# factory tour



## guthers (Sep 12, 2008)

Just been on the factory tour and we are very impressed with the quality ,the attention to detail is fantastic. all the floors, walls, furniture etc are all built at the factory and every thing is assembled by hand. they are now producing 2 per day ...can,t wait to get ours!!!!!!!!!!!!  !!!


----------



## GerryD (Sep 20, 2007)

guthers said:


> Just been on the factory tour and we are very impressed with the quality ,the attention to detail is fantastic. all the floors, walls, furniture etc are all built at the factory and every thing is assembled by hand. they are now producing 2 per day ...can,t wait to get ours!!!!!!!!!!!!  !!!


All that attention to detail and yet according to owners on here, they still don't get it right.
After sales is cr*p.
Good luck with yours.
Gerry


----------



## Broom (Oct 8, 2007)

Hi All

A shame they don't finish and check them.

Best Regards
Broom


----------



## guthers (Sep 12, 2008)

we were fortunate enough to see ours at the factory and it looked fantastic,i think because they have slowed production down they have got more time to build ,check & pdi ,the guys all seemed very conscientious and as we have said before the quality and workmanship looks and is hard to beat.


----------



## Broom (Oct 8, 2007)

Hi Guthers

You are following in our footsteps, see my post on 'Auto Trail Factory Visit' then read 'New Motorhome 9 Months on Habitation Defect Free' in Motorhome chit chat.

Auto Trail are a good Motorhome when you get it finished, you may have a point about reduced productivity hope all goes well.

Which Dealer are you buying it from, they are the link to a good buying experience.

Spend a day before the hand over day going all over it, take someone with you who knows about Motorhomes, have all defects rectified before you pay up.

Best Regards
Broom


----------



## Annsman (Nov 8, 2007)

I agree with your comments ref. dealers.

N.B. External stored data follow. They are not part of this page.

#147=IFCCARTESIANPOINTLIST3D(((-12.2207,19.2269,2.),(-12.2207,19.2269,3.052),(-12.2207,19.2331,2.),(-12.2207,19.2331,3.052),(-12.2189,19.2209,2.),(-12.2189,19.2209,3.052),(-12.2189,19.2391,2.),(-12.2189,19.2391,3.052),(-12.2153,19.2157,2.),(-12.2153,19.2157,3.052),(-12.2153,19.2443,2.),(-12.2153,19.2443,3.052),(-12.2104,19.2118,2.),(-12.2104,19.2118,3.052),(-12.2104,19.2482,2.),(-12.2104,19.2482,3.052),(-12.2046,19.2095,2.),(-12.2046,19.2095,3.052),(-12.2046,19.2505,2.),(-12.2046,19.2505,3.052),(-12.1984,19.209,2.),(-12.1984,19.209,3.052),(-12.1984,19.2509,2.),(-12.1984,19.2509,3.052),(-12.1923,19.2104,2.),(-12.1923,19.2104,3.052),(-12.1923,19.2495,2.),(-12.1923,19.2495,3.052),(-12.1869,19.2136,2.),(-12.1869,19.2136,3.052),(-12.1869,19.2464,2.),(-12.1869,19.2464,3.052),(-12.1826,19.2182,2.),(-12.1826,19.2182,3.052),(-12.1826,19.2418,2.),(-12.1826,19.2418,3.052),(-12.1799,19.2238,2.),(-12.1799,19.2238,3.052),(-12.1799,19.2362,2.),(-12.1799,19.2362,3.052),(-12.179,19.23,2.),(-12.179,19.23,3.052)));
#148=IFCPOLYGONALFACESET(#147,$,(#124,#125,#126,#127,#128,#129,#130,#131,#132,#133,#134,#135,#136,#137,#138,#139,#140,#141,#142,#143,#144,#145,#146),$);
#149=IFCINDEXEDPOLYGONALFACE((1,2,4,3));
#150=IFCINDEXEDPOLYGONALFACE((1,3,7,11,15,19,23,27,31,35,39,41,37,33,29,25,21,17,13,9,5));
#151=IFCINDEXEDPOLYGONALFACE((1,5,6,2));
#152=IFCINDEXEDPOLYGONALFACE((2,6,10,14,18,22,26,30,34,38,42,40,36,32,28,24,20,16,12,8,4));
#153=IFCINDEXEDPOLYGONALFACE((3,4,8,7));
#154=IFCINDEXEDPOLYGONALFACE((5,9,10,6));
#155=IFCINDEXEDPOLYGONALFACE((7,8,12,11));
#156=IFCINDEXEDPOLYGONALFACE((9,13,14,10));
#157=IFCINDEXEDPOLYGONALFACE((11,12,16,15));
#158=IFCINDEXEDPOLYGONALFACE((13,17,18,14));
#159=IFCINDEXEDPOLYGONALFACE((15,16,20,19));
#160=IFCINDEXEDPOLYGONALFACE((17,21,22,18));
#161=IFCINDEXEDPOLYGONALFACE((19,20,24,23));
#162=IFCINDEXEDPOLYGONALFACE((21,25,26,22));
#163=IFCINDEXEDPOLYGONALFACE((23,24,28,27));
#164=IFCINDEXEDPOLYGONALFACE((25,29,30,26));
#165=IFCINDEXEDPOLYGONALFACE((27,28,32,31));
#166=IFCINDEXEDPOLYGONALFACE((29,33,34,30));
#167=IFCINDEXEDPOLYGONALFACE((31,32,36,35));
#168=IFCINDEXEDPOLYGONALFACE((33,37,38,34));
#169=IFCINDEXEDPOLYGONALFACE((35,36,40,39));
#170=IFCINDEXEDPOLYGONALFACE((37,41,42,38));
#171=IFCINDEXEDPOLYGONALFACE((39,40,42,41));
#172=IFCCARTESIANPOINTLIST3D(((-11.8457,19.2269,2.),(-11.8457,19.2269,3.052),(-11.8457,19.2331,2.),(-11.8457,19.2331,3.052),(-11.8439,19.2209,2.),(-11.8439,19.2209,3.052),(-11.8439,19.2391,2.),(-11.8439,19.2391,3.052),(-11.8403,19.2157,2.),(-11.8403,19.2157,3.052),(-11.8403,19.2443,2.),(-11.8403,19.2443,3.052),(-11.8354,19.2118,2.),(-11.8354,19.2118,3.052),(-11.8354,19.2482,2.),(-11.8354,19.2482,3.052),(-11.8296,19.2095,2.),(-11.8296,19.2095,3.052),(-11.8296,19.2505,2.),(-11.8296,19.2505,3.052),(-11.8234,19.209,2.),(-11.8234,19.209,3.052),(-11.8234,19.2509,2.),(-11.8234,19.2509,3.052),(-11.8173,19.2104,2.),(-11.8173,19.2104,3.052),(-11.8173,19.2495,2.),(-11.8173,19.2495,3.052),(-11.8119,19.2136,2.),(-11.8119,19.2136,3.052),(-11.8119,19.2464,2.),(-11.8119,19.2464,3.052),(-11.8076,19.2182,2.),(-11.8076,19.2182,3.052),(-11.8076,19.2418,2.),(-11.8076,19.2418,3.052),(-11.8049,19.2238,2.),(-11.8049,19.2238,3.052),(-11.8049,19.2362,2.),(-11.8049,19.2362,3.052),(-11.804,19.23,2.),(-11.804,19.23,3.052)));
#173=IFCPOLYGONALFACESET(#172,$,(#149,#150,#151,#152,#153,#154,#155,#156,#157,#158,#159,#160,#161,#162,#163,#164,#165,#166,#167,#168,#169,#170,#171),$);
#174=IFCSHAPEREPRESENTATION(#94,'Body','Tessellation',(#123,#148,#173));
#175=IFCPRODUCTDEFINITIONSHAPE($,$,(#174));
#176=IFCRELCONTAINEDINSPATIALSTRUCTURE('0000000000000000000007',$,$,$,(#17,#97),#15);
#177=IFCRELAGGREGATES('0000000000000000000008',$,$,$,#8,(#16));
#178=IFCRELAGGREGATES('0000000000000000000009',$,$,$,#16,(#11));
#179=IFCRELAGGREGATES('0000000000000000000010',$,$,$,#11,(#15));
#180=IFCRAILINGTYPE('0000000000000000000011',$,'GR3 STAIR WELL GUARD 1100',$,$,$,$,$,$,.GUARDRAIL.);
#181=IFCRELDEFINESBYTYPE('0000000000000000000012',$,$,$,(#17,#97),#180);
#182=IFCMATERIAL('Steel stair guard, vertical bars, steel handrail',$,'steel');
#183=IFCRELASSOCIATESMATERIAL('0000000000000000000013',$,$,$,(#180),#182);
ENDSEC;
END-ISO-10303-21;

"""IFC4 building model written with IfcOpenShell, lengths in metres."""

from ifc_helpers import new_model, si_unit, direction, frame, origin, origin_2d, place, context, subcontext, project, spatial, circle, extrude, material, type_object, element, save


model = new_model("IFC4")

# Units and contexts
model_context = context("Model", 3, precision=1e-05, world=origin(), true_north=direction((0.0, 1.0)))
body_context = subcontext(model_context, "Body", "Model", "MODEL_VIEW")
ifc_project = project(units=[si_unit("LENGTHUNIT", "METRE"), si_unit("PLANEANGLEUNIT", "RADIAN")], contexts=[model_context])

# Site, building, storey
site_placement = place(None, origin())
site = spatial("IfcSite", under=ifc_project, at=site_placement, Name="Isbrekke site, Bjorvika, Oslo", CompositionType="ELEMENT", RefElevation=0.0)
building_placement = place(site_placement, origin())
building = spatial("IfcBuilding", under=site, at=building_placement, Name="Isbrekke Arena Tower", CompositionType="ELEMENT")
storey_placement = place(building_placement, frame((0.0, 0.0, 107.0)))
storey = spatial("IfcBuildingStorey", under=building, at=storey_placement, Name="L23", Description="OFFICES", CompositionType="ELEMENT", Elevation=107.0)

We have a Cheyenne 660 new from May last year and there have been some snags and problems. Nothing major and nothing that wouldn't let me recommend an Autotrail van to anyone. The snags have been sorted with the minimum of fuss and stress by Spinneys.

They have even posted out some parts to Spain for us to sort out while we are away.

I'm sure there isn't a van built that hasn't had something wrong with it in the first six months. They are afterall one big giant multi-national jigsaw!

But hopefully you will have many years of trouble free vanning, so good luck and bon voyage!!


----------



## Freddiebooks (Aug 9, 2008)

Hi Guthers,

I bought mine second hand. A 57 plate Cheyenne.

My only probs to date are vibration related. The odd screw working loose here and there. Curtain rail and towel rail. Easily mended and not worth going to dealer for or writing in depth about on here.

I bought a tool kit from Aldi for about 7 quid. It has about ten allen keys, ten hex thingy bob keys, and many many different screw heads. And to date it has solved every problem i have had. Best 7 quid spent. A must have.

I can't imagine how a coach built motorhome could be any better. They are a treat. I hope all goes well.

Freddiebooks


----------



## dqquarryman (Feb 3, 2009)

Must admit Guthers the factory tour re-ignited my desire for Autotrail motorhomes,i brought mine from Baldwins of Halifax first class service however Mark who was general manager has now left but Steve the Service manager cannot do enough for you. Ive had my fair share of problems with Autotrail vans but on the whole for me best vans going unless you buy yours from the dreaded BROWNHILLS!!!!!!!!!!!!!!!!!!


----------



## roger20 (Aug 14, 2006)

I agree with the last comment about Baldwins. When you have a problem you want someone on your side and I have always found Steve to be extremely helpful.


----------



## Broom (Oct 8, 2007)

Hi All

Its refreshing to read good reports keep them coming brighten up my day.

Best Regards
Broom


----------